PT recorre ao STF para impedir venda do IRB

O leilão do Instituto de Resseguros do Brasil (IRB), marcado para o dia 25 deste mês, poderá ser suspenso. Se isso acontecer será o quarto adiamento da venda.

O PT fez petição para que o presidente em exercício do Supremo Tribunal Federal (STF), Marco Aurélio de Mello, julgue o pedido de liminar contra a Lei nº 9.932/99 que abre caminho para a privatização do IRB.

O pedido de liminar, em Ação Direta de Inconstitucionalidade (Adin), foi feito no dia 8/6 e já foi distribuído.

No entanto, segundo a assessoria jurídica do partido "Em casos de urgência como esse, o ministro em exercício pode solicitar o pedido, que já foi distribuído, e ele mesmo fazer o julgamento".

O Supremo já arquivo duas Adins contra a privatização do IRB. Em uma das ações, os advogados do PDT (Partido Democrático Trabalhista) invocavam o artigo 192 (inciso II) da Constituição, onde se lê que "a autorização e funcionamento dos estabelecimentos de seguros e resseguros", devem ser regulados por lei complementar -enquanto o IRB foi regulado por lei ordinária.

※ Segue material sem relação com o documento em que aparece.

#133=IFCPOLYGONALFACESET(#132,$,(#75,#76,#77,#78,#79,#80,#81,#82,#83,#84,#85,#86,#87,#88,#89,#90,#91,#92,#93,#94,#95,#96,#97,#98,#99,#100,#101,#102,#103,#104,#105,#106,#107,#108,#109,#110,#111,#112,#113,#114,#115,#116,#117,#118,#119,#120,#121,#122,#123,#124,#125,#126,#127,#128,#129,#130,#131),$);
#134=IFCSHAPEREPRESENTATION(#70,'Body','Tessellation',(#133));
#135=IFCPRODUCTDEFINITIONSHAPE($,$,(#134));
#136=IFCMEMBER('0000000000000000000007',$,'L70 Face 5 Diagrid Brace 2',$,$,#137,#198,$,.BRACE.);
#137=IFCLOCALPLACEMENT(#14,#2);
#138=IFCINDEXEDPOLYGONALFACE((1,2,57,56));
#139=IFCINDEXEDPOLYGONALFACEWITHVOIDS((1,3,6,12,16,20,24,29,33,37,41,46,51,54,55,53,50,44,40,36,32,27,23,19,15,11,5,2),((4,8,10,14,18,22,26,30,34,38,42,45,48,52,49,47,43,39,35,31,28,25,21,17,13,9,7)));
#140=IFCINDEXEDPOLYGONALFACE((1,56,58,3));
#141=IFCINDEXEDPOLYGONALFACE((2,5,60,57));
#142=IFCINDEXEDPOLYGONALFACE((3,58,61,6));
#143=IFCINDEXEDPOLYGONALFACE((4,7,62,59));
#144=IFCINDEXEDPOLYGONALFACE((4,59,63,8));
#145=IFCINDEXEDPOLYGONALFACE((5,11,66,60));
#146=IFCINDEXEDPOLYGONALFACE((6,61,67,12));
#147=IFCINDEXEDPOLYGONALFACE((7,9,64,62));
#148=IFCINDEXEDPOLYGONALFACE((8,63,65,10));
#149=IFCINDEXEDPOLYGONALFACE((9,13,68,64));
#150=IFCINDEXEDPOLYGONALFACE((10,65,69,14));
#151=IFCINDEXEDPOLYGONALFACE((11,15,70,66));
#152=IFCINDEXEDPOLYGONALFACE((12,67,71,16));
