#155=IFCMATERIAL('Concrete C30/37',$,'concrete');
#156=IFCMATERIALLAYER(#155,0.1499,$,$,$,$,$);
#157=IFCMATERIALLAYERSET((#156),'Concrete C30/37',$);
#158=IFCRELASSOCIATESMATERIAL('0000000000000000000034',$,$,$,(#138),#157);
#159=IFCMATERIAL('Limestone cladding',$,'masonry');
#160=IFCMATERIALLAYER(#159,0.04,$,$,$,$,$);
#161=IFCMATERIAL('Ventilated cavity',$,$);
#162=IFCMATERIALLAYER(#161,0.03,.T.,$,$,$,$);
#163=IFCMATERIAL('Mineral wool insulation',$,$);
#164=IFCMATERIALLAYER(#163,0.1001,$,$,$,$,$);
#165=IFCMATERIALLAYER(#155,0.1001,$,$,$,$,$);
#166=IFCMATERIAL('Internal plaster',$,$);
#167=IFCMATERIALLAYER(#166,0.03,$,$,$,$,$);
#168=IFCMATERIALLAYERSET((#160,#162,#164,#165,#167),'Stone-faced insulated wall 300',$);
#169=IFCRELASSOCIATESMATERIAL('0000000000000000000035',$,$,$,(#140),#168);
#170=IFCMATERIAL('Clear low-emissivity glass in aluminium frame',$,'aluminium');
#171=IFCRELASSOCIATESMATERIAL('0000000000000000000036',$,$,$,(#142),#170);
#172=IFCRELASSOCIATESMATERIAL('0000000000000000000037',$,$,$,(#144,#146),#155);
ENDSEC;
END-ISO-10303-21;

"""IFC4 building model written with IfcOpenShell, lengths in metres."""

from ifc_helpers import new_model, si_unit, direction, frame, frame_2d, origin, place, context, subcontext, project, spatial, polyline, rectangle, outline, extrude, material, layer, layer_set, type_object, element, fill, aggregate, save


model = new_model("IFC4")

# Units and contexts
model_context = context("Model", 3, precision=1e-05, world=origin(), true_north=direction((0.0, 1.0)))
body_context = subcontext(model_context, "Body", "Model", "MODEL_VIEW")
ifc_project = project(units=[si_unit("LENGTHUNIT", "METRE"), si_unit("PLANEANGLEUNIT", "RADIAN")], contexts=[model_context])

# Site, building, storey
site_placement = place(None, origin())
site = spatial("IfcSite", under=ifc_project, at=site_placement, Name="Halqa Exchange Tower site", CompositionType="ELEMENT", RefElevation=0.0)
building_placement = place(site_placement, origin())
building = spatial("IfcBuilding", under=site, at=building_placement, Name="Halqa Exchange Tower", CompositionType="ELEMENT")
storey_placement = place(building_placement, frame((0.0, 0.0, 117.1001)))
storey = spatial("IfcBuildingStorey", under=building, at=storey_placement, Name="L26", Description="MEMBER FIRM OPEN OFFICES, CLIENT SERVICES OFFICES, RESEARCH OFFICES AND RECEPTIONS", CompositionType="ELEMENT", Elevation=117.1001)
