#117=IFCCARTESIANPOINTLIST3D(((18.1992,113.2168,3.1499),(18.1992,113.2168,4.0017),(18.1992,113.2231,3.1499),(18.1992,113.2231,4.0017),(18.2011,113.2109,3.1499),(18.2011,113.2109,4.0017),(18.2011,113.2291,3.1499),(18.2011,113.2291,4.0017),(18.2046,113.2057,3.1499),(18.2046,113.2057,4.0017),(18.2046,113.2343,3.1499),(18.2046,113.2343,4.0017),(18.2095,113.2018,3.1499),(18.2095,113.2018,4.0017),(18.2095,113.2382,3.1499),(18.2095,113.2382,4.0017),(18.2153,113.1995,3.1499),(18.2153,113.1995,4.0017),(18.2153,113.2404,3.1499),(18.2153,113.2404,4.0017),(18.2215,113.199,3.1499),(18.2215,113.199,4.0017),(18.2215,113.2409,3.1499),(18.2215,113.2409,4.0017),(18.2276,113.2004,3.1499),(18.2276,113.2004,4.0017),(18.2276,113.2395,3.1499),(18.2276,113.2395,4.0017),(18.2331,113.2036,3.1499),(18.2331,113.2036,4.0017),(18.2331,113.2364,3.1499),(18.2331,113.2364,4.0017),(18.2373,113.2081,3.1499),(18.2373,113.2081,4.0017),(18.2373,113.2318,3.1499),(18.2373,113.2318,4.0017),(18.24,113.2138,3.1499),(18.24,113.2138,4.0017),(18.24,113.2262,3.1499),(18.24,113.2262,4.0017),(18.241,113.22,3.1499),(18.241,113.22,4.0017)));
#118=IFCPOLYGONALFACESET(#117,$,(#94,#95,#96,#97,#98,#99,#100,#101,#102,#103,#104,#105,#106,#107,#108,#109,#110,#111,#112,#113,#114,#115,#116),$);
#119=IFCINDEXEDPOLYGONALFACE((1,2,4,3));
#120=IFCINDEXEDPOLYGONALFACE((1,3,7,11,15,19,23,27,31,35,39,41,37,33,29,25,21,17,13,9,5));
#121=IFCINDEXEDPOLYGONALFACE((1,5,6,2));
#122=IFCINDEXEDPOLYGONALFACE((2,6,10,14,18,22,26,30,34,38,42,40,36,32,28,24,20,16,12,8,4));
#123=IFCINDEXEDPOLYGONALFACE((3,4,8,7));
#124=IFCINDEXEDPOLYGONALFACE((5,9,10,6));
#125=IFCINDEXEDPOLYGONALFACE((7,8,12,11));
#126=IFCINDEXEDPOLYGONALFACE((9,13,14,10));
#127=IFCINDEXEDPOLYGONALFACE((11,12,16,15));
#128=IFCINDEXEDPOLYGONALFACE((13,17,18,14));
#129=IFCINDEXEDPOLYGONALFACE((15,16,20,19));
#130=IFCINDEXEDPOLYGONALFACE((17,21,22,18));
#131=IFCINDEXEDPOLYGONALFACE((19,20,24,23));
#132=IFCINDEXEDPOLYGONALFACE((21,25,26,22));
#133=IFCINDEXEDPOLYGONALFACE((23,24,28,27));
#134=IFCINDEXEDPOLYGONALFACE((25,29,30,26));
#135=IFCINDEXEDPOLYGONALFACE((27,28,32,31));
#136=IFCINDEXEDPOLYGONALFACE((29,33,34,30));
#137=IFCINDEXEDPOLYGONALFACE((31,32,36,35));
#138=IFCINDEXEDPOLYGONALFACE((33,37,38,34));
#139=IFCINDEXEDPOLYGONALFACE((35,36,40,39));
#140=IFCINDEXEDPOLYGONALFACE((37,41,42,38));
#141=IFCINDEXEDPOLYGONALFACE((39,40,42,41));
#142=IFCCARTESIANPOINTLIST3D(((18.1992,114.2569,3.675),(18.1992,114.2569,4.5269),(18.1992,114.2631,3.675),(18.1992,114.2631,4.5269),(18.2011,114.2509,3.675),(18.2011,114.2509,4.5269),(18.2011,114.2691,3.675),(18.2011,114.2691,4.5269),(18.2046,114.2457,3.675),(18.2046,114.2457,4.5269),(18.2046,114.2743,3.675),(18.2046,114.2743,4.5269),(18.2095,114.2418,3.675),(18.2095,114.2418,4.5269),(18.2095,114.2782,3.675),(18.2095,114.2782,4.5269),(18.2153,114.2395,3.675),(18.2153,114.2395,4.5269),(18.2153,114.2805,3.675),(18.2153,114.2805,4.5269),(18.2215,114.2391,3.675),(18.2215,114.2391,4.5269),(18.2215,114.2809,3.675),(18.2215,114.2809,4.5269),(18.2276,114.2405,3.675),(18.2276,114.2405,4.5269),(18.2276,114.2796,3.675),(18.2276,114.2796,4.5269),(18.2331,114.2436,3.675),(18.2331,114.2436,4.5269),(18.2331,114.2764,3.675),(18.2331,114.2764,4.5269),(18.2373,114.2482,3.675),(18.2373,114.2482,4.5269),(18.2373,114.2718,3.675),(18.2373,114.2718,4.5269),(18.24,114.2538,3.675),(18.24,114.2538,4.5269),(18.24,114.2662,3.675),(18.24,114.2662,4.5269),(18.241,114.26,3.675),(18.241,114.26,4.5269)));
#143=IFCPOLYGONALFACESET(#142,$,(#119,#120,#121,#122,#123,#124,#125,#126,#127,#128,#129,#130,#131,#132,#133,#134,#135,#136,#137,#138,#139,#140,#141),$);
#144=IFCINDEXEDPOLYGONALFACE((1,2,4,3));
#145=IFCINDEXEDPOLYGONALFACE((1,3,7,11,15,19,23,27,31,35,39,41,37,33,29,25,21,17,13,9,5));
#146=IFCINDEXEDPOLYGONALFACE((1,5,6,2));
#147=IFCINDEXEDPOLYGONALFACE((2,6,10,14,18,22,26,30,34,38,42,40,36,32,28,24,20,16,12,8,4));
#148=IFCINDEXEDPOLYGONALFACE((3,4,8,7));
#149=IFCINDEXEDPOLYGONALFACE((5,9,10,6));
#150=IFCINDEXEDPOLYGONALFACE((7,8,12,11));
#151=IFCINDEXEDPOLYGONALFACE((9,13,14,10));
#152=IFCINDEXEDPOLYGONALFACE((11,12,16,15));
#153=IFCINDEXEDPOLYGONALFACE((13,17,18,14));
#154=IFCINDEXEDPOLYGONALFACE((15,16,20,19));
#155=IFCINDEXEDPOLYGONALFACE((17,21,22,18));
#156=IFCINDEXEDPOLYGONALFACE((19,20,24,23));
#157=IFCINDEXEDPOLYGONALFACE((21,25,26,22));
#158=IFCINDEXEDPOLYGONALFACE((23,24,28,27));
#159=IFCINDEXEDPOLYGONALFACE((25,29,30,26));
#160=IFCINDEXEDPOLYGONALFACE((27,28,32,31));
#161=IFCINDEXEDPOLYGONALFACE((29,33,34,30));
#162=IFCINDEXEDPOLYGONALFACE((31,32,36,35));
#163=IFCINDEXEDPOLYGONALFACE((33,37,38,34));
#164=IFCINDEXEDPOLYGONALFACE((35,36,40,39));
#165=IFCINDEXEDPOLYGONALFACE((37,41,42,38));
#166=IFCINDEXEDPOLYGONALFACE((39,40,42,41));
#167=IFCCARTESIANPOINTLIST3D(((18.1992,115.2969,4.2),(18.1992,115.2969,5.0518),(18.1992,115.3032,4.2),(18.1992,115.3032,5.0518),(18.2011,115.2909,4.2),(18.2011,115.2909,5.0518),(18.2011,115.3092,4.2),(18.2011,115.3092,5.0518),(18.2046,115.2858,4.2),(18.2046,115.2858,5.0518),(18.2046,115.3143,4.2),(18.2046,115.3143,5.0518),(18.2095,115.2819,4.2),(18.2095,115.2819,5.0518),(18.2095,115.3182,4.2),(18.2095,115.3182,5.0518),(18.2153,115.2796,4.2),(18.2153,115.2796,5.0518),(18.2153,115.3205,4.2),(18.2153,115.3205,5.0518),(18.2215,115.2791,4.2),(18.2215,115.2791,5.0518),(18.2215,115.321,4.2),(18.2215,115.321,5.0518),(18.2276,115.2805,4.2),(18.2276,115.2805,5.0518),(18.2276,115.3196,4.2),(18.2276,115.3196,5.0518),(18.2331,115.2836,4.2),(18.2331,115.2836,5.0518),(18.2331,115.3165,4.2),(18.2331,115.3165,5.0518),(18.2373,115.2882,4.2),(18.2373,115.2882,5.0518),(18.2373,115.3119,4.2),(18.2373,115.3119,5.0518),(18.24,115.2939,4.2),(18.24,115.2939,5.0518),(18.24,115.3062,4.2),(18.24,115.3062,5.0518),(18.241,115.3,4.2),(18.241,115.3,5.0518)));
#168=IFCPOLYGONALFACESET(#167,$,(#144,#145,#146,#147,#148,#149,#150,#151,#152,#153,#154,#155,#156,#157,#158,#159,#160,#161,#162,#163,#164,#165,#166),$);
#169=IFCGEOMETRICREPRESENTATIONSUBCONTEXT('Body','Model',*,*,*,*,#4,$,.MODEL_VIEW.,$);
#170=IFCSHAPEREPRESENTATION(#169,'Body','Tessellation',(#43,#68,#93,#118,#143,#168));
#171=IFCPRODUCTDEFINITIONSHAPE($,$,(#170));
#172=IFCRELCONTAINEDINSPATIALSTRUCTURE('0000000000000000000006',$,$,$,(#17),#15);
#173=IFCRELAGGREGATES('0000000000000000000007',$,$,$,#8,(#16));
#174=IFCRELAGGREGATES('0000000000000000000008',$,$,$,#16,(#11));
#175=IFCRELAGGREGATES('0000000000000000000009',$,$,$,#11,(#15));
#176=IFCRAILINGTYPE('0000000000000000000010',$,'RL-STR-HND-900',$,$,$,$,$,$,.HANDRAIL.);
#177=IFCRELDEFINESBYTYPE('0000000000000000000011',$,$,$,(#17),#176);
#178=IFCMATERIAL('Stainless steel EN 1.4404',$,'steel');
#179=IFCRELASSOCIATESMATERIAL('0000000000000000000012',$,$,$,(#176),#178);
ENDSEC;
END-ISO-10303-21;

Os ministros Marco Aurélio, Ilmar Galvão, Sepúlveda Pertence e Nery da Silveira foram pelo acatamento do pedido, alegando vício formal. De outro lado, os ministros Nelson Jobim, Maurício Correa, Octávio Galotti e Moreira Alves votaram pelo arquivamento.

Com o empate, manifestou-se o presidente da Corte, Carlos Mário Velloso, que decidiu a questão. Estavam ausentes os ministros Celso de Mello e Sidney Sanches.